I would like to download those emails offline using Outlook, Outlook Express or Thunderbird, but in such a way that they retain some relationship to the nametag. Perhaps I could download all emails under a certain nametag in one folder, then another nametag in another folder, and so on. The important thing to me is that they don’t get all mixed up, but that I can separate them according to project.

There are about 50-100 mails per project with various attachments, which I would like to keep with the emails.

Could anyone advise me what would be a good way to go about this, and maybe offer their experiences if they were in a similar situation? I imagine it is not an unusual situation, and so am hoping somebody must’ve had a similar problem before.


When you tag something in gmail, it creates an imap folder. create a personal folder for the emails to be archived then drag and drop the tagged folder using the right mouse button into a subfolder within the personal folder. Create a folder first as for some reason you cannot drag/drop into the root folder structure.
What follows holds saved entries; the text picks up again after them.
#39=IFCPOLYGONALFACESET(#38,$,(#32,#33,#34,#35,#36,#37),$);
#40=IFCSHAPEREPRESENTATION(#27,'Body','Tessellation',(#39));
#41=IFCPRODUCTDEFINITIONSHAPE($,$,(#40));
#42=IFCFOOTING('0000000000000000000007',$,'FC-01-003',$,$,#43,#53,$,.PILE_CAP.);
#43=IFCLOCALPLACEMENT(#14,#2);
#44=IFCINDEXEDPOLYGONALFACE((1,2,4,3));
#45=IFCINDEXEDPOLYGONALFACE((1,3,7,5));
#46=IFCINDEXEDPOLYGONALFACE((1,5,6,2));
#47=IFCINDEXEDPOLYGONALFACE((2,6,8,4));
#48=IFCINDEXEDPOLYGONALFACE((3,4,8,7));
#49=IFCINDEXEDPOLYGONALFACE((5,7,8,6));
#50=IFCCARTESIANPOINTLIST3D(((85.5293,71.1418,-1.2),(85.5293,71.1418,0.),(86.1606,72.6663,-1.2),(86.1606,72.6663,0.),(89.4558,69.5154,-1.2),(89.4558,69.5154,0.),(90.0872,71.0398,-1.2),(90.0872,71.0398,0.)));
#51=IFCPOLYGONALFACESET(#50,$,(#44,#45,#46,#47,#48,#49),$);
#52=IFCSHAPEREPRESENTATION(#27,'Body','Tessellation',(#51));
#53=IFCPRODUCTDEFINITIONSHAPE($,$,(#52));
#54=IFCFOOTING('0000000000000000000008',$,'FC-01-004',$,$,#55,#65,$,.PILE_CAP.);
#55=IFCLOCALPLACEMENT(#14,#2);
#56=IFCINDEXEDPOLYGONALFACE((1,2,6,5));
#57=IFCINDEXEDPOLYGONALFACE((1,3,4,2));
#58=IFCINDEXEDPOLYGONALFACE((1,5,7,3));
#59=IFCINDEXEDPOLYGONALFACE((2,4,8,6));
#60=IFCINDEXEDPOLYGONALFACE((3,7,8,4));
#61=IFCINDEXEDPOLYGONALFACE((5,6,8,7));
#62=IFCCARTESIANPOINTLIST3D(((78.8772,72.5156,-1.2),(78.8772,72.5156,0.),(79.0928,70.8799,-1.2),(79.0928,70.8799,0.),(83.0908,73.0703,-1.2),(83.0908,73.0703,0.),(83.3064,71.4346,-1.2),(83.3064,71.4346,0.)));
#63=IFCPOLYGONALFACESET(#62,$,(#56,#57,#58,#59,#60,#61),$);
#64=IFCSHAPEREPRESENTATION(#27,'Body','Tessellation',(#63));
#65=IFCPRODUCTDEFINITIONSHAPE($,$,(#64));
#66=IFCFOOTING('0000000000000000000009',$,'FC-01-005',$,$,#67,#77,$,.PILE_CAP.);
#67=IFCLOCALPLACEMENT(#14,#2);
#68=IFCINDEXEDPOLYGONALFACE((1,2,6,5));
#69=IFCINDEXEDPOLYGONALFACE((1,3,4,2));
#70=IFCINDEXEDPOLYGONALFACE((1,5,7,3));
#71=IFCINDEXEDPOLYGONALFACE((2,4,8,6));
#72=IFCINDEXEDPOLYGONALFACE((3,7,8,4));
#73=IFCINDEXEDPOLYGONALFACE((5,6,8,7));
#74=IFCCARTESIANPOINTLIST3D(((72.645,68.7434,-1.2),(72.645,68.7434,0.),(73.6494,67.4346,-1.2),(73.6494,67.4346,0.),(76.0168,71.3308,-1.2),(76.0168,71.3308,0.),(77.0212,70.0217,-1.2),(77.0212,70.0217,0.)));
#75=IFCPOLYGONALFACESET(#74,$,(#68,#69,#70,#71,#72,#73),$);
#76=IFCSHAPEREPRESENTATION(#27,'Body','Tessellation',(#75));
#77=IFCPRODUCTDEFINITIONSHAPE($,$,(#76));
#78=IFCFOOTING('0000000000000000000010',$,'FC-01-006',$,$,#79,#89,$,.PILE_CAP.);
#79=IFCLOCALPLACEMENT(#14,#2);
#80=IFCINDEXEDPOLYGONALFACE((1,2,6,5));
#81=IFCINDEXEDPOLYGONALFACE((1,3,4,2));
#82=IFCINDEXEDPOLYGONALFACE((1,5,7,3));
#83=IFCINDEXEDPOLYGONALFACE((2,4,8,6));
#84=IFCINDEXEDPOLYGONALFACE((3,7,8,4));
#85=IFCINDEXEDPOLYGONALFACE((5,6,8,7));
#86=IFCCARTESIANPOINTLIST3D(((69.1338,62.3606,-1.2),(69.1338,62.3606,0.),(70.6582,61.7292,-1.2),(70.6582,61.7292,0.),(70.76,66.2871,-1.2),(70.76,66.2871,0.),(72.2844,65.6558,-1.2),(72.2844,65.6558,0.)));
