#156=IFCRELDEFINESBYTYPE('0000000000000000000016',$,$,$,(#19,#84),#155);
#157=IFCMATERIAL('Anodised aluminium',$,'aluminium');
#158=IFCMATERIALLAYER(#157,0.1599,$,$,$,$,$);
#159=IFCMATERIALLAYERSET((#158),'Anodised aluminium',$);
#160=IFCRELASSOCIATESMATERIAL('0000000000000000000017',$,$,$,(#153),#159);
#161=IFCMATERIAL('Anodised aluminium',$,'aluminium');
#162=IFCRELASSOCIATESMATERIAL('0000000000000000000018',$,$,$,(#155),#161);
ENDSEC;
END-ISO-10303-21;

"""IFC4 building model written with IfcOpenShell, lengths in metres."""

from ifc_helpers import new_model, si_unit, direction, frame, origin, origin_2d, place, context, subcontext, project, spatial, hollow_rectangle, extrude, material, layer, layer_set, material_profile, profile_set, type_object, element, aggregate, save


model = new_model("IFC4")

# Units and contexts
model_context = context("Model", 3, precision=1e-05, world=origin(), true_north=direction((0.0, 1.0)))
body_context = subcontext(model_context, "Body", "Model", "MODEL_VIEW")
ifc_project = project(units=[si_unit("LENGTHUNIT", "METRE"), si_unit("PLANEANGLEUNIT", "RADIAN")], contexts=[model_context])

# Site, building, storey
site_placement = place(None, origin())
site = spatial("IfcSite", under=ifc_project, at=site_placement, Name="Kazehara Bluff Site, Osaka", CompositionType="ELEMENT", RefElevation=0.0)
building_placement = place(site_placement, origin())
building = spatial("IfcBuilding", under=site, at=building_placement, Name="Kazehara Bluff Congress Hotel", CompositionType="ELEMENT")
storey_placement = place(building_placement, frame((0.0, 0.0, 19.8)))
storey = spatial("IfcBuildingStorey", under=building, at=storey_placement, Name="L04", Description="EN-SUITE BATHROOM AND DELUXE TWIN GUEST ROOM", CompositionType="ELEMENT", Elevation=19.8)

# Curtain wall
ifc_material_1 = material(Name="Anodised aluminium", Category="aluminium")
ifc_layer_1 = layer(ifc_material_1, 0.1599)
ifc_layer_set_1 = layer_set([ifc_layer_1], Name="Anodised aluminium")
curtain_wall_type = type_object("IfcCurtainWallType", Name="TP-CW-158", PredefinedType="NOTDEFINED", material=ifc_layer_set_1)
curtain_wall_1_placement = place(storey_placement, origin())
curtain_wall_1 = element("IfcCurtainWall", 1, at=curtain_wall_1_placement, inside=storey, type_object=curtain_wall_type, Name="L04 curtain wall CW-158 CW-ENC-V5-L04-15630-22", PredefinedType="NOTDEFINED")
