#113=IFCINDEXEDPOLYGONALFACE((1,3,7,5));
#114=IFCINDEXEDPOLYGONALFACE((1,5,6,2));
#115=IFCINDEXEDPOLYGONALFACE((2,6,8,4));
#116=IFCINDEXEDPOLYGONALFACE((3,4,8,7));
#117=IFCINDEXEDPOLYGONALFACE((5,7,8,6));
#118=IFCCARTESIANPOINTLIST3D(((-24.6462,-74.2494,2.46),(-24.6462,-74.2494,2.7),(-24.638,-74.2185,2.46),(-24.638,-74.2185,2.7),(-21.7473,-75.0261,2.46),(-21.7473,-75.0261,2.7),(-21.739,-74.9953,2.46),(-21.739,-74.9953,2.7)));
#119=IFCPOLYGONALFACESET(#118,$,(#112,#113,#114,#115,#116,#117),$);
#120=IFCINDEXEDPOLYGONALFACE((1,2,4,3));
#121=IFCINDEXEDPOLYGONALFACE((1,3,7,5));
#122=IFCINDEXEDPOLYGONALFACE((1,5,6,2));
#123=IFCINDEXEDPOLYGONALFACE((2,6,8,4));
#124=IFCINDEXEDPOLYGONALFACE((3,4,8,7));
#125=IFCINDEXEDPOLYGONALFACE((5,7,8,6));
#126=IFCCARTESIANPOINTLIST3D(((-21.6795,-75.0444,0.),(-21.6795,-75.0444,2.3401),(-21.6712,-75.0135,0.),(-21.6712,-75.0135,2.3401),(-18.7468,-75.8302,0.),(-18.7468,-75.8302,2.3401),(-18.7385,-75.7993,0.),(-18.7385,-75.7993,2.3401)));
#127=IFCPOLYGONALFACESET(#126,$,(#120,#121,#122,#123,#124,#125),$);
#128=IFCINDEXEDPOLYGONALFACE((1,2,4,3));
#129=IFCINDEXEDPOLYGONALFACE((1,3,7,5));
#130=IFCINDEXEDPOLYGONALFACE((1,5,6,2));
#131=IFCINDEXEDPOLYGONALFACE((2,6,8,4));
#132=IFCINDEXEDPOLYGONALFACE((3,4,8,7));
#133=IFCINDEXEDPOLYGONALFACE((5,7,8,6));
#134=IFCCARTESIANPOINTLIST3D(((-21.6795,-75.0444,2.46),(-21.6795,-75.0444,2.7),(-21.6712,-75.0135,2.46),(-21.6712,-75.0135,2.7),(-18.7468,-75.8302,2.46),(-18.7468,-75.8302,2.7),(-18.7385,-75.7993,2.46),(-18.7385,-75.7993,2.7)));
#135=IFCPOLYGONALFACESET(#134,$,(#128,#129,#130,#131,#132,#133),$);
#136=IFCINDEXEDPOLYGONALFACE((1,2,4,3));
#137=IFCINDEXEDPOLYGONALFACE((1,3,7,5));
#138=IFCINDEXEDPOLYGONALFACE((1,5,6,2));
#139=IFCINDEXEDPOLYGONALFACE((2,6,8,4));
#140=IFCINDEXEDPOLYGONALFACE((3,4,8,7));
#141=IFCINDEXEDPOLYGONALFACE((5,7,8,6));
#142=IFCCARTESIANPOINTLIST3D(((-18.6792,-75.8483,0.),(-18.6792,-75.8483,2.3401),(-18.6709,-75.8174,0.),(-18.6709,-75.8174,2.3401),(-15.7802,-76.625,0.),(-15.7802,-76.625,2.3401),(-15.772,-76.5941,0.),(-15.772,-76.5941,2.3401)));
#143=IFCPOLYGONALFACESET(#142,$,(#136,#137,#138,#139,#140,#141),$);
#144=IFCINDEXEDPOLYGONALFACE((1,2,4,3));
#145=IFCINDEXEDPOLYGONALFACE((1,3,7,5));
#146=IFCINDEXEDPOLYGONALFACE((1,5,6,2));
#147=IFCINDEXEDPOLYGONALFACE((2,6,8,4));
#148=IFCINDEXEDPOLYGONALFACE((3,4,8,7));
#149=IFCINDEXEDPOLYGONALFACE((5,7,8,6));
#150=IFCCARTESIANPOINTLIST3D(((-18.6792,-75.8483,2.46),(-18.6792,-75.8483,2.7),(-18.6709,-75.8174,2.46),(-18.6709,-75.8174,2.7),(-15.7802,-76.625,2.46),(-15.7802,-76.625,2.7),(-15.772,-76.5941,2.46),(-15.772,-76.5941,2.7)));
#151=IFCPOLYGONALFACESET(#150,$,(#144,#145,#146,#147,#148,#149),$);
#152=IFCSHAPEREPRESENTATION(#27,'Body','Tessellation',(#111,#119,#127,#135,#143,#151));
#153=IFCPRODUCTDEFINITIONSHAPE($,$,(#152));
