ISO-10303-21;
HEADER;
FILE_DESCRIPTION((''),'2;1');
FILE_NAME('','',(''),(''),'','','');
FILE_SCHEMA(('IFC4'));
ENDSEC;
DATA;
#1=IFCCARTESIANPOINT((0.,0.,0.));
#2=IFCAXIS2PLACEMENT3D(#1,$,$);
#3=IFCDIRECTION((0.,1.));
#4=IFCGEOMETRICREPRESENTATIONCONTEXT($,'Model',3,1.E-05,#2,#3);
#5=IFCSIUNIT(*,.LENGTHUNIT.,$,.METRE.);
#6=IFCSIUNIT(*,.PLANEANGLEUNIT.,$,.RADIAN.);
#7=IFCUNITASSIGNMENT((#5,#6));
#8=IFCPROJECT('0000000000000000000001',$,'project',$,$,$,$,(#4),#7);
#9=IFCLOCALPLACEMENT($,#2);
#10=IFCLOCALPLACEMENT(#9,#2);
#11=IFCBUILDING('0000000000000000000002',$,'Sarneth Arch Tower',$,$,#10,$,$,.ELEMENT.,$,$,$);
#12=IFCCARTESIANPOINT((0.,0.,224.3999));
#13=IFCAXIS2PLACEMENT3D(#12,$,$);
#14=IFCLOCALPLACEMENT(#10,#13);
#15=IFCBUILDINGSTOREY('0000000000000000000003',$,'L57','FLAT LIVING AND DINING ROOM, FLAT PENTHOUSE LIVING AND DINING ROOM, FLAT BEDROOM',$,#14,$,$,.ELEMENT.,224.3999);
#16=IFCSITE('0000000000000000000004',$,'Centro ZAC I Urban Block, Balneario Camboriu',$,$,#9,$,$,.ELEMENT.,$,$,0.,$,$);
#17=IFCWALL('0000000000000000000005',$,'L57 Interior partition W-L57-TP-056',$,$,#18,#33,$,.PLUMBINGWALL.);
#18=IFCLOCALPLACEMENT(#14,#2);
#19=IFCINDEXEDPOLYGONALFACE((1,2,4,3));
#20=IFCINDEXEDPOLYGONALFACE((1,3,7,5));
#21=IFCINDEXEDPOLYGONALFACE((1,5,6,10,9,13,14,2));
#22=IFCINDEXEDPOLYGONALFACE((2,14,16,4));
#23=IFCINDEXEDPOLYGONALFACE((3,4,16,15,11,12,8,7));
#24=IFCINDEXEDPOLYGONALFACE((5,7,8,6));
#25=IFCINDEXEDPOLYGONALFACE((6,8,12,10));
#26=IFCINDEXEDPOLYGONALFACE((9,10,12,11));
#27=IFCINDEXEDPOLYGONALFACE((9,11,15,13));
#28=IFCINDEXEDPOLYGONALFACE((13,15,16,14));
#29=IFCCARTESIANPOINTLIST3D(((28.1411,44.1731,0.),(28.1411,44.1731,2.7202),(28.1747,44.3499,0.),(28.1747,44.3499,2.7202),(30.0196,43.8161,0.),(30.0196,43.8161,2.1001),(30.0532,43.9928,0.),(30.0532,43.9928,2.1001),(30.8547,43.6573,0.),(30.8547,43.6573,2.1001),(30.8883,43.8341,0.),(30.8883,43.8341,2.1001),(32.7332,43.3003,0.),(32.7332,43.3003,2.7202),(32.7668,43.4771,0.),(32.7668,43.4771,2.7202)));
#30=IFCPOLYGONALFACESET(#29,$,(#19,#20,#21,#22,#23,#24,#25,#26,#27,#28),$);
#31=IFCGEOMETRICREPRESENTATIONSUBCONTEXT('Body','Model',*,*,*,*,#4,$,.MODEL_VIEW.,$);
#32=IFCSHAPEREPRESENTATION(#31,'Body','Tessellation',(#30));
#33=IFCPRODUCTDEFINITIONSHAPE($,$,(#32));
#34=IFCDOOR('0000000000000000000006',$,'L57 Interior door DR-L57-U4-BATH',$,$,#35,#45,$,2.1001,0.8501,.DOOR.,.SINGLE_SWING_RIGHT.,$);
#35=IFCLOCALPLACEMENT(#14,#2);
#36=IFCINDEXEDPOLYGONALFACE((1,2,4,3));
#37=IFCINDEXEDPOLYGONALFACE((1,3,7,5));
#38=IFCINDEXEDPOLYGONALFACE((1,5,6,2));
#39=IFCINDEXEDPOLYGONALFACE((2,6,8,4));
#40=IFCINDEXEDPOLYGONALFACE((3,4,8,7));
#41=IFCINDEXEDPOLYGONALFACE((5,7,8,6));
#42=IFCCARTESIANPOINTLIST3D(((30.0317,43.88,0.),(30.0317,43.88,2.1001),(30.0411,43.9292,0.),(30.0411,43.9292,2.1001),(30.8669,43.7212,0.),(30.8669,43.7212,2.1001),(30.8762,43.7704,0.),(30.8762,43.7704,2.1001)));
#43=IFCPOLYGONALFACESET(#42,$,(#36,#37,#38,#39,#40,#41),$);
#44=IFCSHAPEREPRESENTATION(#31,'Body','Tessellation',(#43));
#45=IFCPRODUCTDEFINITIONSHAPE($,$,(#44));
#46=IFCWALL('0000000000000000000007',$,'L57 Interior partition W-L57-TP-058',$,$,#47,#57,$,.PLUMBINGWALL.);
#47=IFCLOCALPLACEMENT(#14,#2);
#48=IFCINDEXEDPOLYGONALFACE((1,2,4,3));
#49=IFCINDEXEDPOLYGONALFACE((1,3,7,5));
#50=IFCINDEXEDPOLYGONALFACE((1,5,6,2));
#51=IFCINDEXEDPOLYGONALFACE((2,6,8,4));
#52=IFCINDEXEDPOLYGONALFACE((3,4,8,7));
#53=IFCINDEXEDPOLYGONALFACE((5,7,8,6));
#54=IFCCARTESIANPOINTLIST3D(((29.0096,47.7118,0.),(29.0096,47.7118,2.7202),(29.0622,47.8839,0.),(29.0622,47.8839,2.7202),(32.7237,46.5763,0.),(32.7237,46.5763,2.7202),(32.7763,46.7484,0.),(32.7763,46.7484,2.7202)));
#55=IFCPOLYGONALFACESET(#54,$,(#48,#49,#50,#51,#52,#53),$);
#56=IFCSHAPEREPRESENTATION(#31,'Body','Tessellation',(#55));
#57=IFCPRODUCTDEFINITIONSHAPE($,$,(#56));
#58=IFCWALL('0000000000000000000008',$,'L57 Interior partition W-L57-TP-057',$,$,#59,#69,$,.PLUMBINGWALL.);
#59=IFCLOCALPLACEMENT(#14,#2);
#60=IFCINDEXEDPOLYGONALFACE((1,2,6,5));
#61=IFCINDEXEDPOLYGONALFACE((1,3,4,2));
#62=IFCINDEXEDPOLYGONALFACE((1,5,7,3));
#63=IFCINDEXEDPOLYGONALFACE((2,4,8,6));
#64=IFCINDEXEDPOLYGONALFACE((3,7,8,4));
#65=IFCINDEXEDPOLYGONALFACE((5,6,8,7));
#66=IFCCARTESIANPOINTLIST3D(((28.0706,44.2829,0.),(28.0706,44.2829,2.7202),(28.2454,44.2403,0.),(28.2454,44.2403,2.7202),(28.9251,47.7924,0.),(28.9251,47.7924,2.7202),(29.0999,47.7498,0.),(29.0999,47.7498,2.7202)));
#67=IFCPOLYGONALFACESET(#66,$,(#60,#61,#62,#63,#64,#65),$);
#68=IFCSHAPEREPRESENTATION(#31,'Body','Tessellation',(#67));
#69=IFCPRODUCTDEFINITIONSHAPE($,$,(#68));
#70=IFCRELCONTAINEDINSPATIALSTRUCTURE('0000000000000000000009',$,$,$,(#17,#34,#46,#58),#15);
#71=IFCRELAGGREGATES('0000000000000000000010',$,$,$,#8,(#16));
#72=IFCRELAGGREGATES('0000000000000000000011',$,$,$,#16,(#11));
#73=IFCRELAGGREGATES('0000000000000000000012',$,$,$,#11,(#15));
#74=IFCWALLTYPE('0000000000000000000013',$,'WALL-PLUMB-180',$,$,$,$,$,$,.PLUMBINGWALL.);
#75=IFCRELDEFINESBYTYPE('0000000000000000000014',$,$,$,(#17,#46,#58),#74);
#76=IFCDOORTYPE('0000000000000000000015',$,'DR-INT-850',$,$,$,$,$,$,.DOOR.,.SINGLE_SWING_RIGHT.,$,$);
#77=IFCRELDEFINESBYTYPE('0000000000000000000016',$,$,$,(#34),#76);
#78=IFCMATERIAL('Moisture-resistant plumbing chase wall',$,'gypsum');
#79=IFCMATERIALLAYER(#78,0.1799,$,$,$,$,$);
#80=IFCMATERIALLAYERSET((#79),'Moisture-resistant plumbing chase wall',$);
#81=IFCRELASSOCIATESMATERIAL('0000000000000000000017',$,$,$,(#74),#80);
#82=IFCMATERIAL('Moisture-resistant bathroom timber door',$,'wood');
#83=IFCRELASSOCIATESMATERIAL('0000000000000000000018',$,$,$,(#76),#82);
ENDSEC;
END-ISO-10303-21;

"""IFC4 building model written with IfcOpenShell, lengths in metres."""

from ifc_helpers import new_model, si_unit, direction, frame, frame_2d, origin, place, context, subcontext, project, spatial, rectangle, extrude, material, layer, layer_set, type_object, element, fill, save


model = new_model("IFC4")

# Units and contexts
model_context = context("Model", 3, precision=1e-05, world=origin(), true_north=direction((0.0, 1.0)))
body_context = subcontext(model_context, "Body", "Model", "MODEL_VIEW")
ifc_project = project(units=[si_unit("LENGTHUNIT", "METRE"), si_unit("PLANEANGLEUNIT", "RADIAN")], contexts=[model_context])

# Site, building, storey
site_placement = place(None, origin())
site = spatial("IfcSite", under=ifc_project, at=site_placement, Name="Centro ZAC I Urban Block, Balneario Camboriu", CompositionType="ELEMENT", RefElevation=0.0)
building_placement = place(site_placement, origin())
building = spatial("IfcBuilding", under=site, at=building_placement, Name="Sarneth Arch Tower", CompositionType="ELEMENT")
storey_placement = place(building_placement, frame((0.0, 0.0, 224.3999)))
storey = spatial("IfcBuildingStorey", under=building, at=storey_placement, Name="L57", Description="FLAT LIVING AND DINING ROOM, FLAT PENTHOUSE LIVING AND DINING ROOM, FLAT BEDROOM", CompositionType="ELEMENT", Elevation=224.3999)

# Wall, opening, door
ifc_material_1 = material(Name="Moisture-resistant plumbing chase wall", Category="gypsum")
ifc_layer_1 = layer(ifc_material_1, 0.1799)
ifc_layer_set_1 = layer_set([ifc_layer_1], Name="Moisture-resistant plumbing chase wall")
wall_type_1 = type_object("IfcWallType", Name="WALL-PLUMB-180", PredefinedType="PLUMBINGWALL", material=ifc_layer_set_1)
wall_1_placement = place(storey_placement, frame((32.75, 43.3887, 0.0), z_axis=(0.0, 0.0, 1.0), x_axis=(-0.982412, 0.186726, 0.0)))
wall_1 = element("IfcWall", 1, at=wall_1_placement, inside=storey, type_object=wall_type_1, Name="L57 Interior partition W-L57-TP-056", PredefinedType="PLUMBINGWALL", context=body_context, shape_type="SweptSolid", body=[
    extrude(rectangle(XDim=4.6743, YDim=0.1799, at=frame_2d((2.3372, 0.0))), origin(), (0.0, 0.0, 1.0), 2.7202),
])
opening_1_placement = place(wall_1_placement, frame((1.9121, 0.0, 0.0)))
opening_1 = element("IfcOpeningElement", 2, at=opening_1_placement, cuts=wall_1, PredefinedType="OPENING", context=body_context, shape_type="SweptSolid", body=[
    extrude(rectangle(XDim=0.8501, YDim=2.1001, at=frame_2d((0.425, 1.05))), frame((0.0, 0.0999, 0.0), z_axis=(0.0, -1.0, 0.0), x_axis=(1.0, 0.0, 0.0)), (0.0, 0.0, 1.0), 0.2),
])
ifc_material_2 = material(Name="Moisture-resistant bathroom timber door", Category="wood")
door_type_1 = type_object("IfcDoorType", Name="DR-INT-850", OperationType="SINGLE_SWING_RIGHT", PredefinedType="DOOR", material=ifc_material_2)
door_1_placement = place(opening_1_placement, origin())
door_1 = element("IfcDoor", 3, at=door_1_placement, inside=storey, type_object=door_type_1, Name="L57 Interior door DR-L57-U4-BATH", OperationType="SINGLE_SWING_RIGHT", OverallHeight=2.1001, OverallWidth=0.8501, PredefinedType="DOOR", context=body_context, shape_type="SweptSolid", body=[
    extrude(rectangle(XDim=0.8501, YDim=2.1001, at=frame_2d((0.425, 1.05))), frame((0.0, 0.0249, 0.0), z_axis=(0.0, -1.0, 0.0), x_axis=(1.0, 0.0, 0.0)), (0.0, 0.0, 1.0), 0.05),
])
fill(opening_1, door_1)

# Walls
wall_2_placement = place(storey_placement, frame((29.0359, 47.7979, 0.0), z_axis=(0.0, 0.0, 1.0), x_axis=(0.956306, -0.292367, 0.0)))
element("IfcWall", 4, at=wall_2_placement, inside=storey, type_object=wall_type_1, Name="L57 Interior partition W-L57-TP-058", PredefinedType="PLUMBINGWALL", context=body_context, shape_type="SweptSolid", body=[
    extrude(rectangle(XDim=3.8838, YDim=0.1799, at=frame_2d((1.9419, 0.0))), origin(), (0.0, 0.0, 1.0), 2.7202),
])
wall_3_placement = place(storey_placement, frame((28.158, 44.2615, 0.0), z_axis=(0.0, 0.0, 1.0), x_axis=(0.236567, 0.971615, 0.0)))
element("IfcWall", 5, at=wall_3_placement, inside=storey, type_object=wall_type_1, Name="L57 Interior partition W-L57-TP-057", PredefinedType="PLUMBINGWALL", context=body_context, shape_type="SweptSolid", body=[
    extrude(rectangle(XDim=3.6121, YDim=0.1799, at=frame_2d((1.8062, 0.0))), origin(), (0.0, 0.0, 1.0), 2.7202),
])

save(model, "model.ifc")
Make sure that when you use the right mouse button to drag and drop, you select copy when you let go of the mouse button on the extra menu that appears under the mouse. Be patient with tagged folders over 500 as these will take a while, and outlook will appear to hang. Eventually you will get a progress meter.

The key thing to remember is by default outlook moves when you drag and drop, and if anything goes wrong during this you can lose emails. If you copy, this won't happen.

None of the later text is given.